Perché leggere questo articolo? Il caso Tim-Kkr in parole semplici. Una grande storia di disastri italiani, che da D’Alema arriva fino a Giorgia Meloni. Telecom torna a svendersi agli americani, per giunta pagando la cessione con soldi propri.
Il caso aziendale dell’anno rischia di passare in sordina, tra guerra e finanziari. Ma anche perchè, sotto sotto, è una vecchia storia che si ripete. Dietro la scalata di Kkr a Tim non c’è nulla di nuovo rispetto al millennio scorso. Lo stesso schema di quando l’azienda si chiama solo Telecom Italia (mancava la M di Mobile che forma la sigla Tim). Ma forse, proprio per questo, la dice lunga sulla politica italiana. Proviamo allora a ripercorrere il caso Tim-Kkr.
L’affare Tim-Kkr senza paroloni
Nella notte di domenica, dopo una lunga trattativa, il governo e Kkr avrebbero trovato un accordo per la scalata del fondo americano a Tim. L’operatore americano che gestisce un capitale da 460 miliardi di dollari ha presentato due offerte al Ministero di Economia e Finanza. La prima per l’acquisto di NetCo e Fiber, le rete primaria e secondaria di Tim.
In aggiunta, Kkr ha presentato al ministro Giorgetti anche un’offerta per Sparkle, la società che gestisce i cavi sottomarini internazionali tra Europa e America, un asset strategico del valore di un miliardo. Il termine ultimo per le due offerte è fissata per il 2o dicembre. Kkr mette sul piatto 21 miliardi per l’acquisizione delle reti di Tim e Sparkle. A cui potrebbe accompagnarsi un pagamento aggiuntivo (earn out, per gli amanti dei tecnicismi) di altri 2 miliardi per integrare la rete primaria di Tim a Fiber.
L’eterno ritorno della svendita di Telecom
Il governo non resterebbe totalmente fuori dalla partita. Stamattina è arrivato l’atteso comunicato stampa di Tim, in cui l’ad Pietro Labriola sostanzialmente conferma lo scenario delineato dalla bozza con cui in agosto il Consiglio dei ministri aveva dato mandato al Mef di Giorgetti per la scalata americana. Il Mef parteciperà in posizione di minoranza (15-20%) alla nuova società, Newco, che vedrà Kkr in maggioranza. Dentro il perimetro c’è anche Sparkle, che potrebbe essere scorporata e controllata al 100%. La partita Tim dovrebbe dunque chiudersi entro l’anno, salvo opposizioni di Vivendi. Il colosso francese al momento maggior azionista di Tim potrebbe infatti valutare di spostare la battaglia in sede di assemblea.

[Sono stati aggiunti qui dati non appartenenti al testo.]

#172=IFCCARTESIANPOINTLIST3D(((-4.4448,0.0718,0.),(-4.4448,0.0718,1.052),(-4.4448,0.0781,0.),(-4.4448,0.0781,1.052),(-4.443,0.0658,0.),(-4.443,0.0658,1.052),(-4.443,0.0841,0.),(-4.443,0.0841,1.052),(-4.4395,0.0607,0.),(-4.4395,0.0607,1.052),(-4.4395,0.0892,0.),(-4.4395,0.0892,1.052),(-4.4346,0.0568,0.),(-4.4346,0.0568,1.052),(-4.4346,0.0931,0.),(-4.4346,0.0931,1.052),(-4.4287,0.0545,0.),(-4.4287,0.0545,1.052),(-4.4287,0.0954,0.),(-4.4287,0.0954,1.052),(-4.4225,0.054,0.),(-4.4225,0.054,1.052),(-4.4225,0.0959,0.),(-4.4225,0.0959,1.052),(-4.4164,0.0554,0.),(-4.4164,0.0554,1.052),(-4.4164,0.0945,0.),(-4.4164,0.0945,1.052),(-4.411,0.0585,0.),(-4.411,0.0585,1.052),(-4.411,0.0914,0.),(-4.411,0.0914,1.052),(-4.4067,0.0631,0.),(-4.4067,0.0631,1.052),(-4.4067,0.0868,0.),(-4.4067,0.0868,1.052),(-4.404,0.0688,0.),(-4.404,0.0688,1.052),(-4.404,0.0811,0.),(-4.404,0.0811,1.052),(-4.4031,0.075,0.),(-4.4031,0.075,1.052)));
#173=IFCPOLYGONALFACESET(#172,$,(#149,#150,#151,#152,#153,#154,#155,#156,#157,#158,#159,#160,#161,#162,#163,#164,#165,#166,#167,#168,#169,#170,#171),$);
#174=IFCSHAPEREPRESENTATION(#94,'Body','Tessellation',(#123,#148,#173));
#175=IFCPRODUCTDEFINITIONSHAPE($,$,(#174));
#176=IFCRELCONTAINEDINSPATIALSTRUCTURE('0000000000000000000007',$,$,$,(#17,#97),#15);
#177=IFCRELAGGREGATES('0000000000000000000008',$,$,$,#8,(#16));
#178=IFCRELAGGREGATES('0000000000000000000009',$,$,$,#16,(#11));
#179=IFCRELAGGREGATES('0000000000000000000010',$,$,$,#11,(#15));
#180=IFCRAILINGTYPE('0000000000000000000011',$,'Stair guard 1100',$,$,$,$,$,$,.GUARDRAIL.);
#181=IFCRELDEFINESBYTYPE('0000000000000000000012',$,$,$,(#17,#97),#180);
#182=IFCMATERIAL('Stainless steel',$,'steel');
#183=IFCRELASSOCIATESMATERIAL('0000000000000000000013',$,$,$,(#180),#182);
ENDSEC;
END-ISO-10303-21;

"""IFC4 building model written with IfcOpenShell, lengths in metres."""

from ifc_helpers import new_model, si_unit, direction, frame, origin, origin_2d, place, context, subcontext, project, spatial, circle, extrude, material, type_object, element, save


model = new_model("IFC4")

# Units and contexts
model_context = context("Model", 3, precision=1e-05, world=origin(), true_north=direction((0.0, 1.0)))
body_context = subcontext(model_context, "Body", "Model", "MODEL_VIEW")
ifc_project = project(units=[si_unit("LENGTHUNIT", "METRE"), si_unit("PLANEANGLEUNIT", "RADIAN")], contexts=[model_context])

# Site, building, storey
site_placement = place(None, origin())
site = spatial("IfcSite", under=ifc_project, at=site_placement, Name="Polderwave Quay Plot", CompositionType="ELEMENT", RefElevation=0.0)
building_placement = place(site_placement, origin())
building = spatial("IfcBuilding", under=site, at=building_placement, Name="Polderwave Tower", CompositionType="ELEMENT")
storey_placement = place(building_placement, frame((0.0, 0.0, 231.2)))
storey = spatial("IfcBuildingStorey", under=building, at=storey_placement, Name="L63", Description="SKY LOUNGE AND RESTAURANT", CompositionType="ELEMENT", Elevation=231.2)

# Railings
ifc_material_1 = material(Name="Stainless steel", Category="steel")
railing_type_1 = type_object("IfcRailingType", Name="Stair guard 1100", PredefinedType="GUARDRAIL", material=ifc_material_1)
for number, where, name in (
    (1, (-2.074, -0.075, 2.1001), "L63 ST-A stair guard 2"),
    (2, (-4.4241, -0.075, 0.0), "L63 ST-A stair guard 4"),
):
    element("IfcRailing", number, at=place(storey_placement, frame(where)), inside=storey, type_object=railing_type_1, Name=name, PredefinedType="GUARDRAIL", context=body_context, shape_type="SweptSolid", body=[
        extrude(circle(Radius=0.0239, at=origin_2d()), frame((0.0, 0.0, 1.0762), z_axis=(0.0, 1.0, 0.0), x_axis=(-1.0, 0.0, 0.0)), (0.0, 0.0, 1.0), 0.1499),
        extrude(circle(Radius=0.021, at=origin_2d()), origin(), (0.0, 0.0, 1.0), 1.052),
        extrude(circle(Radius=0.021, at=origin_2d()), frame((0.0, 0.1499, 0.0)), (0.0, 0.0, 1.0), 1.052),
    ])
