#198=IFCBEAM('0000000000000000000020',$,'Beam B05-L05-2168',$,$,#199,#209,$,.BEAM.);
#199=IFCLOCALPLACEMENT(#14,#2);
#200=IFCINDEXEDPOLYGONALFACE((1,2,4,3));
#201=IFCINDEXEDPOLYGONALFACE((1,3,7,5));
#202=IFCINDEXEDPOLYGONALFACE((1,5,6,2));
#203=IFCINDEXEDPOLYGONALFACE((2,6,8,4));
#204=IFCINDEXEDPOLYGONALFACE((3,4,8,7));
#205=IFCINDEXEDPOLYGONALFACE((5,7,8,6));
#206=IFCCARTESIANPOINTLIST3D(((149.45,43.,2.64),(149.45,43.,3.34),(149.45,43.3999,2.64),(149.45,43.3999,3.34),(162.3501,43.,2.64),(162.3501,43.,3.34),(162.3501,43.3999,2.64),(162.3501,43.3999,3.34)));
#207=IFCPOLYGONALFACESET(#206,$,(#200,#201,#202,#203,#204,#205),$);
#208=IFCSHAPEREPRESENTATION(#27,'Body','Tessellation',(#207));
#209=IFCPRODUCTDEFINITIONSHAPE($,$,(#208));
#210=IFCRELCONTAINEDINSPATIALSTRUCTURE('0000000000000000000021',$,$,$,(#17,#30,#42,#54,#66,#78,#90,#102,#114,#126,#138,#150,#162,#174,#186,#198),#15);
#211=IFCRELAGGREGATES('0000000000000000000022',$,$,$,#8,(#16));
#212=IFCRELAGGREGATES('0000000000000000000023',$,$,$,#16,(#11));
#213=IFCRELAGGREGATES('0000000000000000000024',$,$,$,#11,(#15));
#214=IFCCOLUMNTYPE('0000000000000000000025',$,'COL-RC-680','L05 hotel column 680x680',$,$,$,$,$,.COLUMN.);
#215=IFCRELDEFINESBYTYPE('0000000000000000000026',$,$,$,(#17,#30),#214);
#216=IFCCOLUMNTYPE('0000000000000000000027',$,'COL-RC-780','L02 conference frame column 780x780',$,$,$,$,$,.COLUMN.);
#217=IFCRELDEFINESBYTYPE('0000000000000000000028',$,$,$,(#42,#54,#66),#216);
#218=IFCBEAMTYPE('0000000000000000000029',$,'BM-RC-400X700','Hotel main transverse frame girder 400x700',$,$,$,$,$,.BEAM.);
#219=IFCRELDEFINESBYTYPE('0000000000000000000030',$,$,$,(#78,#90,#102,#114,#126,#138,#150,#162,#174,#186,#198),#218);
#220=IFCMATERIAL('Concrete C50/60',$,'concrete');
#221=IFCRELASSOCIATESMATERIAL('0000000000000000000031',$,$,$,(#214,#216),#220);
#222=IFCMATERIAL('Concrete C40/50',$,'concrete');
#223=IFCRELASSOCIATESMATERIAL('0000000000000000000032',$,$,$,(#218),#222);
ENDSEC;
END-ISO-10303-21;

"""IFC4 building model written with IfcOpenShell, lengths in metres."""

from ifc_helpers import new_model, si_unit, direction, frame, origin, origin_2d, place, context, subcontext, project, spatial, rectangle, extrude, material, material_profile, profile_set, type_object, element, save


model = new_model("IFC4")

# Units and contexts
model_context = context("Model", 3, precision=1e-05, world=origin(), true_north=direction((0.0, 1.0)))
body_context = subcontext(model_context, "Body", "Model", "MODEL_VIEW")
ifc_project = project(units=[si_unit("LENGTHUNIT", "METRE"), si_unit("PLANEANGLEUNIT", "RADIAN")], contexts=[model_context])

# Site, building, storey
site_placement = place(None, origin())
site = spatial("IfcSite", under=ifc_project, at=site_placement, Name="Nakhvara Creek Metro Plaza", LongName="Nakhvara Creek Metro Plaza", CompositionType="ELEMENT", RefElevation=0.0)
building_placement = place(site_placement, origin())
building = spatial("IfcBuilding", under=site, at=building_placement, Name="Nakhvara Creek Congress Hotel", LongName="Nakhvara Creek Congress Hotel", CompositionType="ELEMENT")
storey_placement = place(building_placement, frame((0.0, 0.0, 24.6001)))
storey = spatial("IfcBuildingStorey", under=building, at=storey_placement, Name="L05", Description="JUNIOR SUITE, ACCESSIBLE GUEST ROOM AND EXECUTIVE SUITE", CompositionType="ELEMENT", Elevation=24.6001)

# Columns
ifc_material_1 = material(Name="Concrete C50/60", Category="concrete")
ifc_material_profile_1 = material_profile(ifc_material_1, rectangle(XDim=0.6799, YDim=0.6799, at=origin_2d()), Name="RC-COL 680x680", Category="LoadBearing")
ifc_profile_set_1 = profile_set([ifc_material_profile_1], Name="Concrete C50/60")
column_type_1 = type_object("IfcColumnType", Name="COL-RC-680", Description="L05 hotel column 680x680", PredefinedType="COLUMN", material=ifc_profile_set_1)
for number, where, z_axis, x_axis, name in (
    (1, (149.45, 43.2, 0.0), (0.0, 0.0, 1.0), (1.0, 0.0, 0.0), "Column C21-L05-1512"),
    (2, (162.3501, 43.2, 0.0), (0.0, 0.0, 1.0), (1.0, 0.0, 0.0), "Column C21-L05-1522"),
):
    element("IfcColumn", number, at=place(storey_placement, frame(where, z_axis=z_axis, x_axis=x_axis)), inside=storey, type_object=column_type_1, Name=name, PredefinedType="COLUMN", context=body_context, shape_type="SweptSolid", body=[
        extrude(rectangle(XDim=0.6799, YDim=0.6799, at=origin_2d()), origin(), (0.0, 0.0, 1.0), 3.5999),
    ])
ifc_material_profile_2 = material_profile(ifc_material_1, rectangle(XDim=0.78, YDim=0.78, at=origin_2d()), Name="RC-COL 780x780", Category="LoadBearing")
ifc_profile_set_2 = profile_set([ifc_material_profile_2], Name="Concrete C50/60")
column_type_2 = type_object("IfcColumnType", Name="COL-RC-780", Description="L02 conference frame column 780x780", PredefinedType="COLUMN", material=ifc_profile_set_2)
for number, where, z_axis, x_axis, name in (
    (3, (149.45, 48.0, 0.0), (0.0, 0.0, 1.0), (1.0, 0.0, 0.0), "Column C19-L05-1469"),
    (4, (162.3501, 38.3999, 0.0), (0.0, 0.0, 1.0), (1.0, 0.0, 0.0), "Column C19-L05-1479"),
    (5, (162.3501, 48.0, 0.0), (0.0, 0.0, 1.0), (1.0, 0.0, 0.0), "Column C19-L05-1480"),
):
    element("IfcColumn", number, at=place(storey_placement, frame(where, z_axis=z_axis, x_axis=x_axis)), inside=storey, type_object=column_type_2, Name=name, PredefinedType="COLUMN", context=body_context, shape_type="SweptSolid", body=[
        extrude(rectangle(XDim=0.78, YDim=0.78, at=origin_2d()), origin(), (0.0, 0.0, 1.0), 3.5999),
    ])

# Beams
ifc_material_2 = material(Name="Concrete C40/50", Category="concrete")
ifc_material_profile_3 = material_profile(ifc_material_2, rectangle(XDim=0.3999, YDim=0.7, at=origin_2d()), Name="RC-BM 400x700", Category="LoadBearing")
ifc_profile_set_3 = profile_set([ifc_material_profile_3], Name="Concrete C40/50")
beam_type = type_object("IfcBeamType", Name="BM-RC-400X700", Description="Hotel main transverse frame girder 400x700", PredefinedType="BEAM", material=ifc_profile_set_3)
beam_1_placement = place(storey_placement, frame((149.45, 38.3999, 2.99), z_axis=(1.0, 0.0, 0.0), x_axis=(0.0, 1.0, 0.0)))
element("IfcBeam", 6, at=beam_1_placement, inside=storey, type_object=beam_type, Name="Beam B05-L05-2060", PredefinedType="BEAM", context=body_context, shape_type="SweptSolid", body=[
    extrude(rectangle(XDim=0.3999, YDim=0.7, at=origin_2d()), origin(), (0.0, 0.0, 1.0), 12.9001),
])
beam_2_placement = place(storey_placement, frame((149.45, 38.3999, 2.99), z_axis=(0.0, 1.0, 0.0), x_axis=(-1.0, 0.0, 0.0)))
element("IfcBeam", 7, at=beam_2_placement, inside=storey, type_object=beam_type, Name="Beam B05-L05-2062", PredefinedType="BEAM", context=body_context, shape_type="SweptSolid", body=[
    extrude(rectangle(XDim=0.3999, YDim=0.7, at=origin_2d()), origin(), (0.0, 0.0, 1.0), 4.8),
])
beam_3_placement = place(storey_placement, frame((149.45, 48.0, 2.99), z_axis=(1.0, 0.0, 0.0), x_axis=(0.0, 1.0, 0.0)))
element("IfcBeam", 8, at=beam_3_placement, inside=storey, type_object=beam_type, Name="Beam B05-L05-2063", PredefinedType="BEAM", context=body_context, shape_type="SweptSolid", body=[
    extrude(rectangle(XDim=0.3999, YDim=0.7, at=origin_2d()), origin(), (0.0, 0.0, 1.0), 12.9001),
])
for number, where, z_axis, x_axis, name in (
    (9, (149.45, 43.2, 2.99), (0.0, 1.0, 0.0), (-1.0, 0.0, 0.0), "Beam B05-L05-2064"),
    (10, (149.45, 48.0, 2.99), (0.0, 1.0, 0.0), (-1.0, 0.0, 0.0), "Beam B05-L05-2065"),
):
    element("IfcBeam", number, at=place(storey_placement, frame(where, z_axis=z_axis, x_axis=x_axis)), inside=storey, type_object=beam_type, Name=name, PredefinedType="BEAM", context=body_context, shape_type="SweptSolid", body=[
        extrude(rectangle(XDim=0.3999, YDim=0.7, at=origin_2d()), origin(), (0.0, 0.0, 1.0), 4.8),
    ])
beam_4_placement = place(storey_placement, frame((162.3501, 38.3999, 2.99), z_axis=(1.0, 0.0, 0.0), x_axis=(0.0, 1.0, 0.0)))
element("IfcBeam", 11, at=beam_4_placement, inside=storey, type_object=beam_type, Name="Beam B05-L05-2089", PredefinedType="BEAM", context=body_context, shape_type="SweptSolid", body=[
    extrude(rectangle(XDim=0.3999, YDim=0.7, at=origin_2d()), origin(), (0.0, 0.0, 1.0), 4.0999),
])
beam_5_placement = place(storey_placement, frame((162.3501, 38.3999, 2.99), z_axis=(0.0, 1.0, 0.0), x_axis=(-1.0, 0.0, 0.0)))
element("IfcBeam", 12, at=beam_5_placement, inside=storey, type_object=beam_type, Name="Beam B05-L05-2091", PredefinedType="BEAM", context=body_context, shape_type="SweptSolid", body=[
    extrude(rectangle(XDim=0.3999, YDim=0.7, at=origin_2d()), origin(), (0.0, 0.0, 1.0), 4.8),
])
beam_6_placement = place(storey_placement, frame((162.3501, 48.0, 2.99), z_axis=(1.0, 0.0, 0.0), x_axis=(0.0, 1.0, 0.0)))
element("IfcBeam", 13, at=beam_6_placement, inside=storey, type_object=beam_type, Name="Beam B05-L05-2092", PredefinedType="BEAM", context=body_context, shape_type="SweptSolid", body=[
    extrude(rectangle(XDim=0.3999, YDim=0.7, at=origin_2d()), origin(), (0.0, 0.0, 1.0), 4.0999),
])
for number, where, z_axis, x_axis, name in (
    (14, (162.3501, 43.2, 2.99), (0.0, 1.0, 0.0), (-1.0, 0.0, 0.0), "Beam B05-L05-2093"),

In ogni caso, è confermata la piena volontà del governo Meloni di far entrare dentro Tim il gruppo americano, che controlla anche lo stabilimento Marelli di Crevalcore, in procinto di chiudere con buona pace dei 230 dipendenti. Tim resta quindi saldamente in mani straniere, passando dalla proprietà francese di Vivendi (che controlla l’azienda dal 2014) a quella americana di Kkr. La privatizzazione di Telecom risale al 1997 (Governo Prodi I). Una vecchia storia di insuccesso, quella che ha messo in mano ai privati il colosso europeo delle telecomunicazioni. Nel 1997 l’antesignano di Tim fatturava 27 miliardi, oggi 15; aveva 8 miliardi di debiti netti, oggi 20; è passata da 120mila a 40mila dipendenti.
Tim, un filo rosso che lega Meloni a D’Alema
Nella notte di domenica si è deciso di assegnare il destino di Tim a un leveradge buyout. Un altro tecnicismo in cui è specializzato Kkr, che significa “acquisto a leva”, laddove la leva è il prestito delle banche a un’azienda che non ha tutti i soldi per l’acquisto. Metà dei 20 miliardi che Kkr mette in Tim sono “capitali freschi”, ovvero debito. Uno scenario che ricorre nella storia di Tim, come quando nel 1999 il governo D’Alema benedisse la scalata ostile della cordata di Roberto Colaninno attraverso la Olivetti. L’allora ad defenestrato, Franco Bernabé, sintetizzo così l’operazione: “Usano i soldi di Telecom per comprarsela, sottraendoli agli investimenti per farla crescere“. Di scalata in scalata, in questi 25 anni la scalata a Tim si ripete con meccanismi affini. Un filo rosso (come i conti dell’azienda) che lega Meloni a D’Alema. In nome del libero mercato il più importante operatore di Tlc rimane in mani straniere, pagato dai cittadini (con aumenti tariffari) e dallo Stato (il secondo azionista di Tim e Cdp).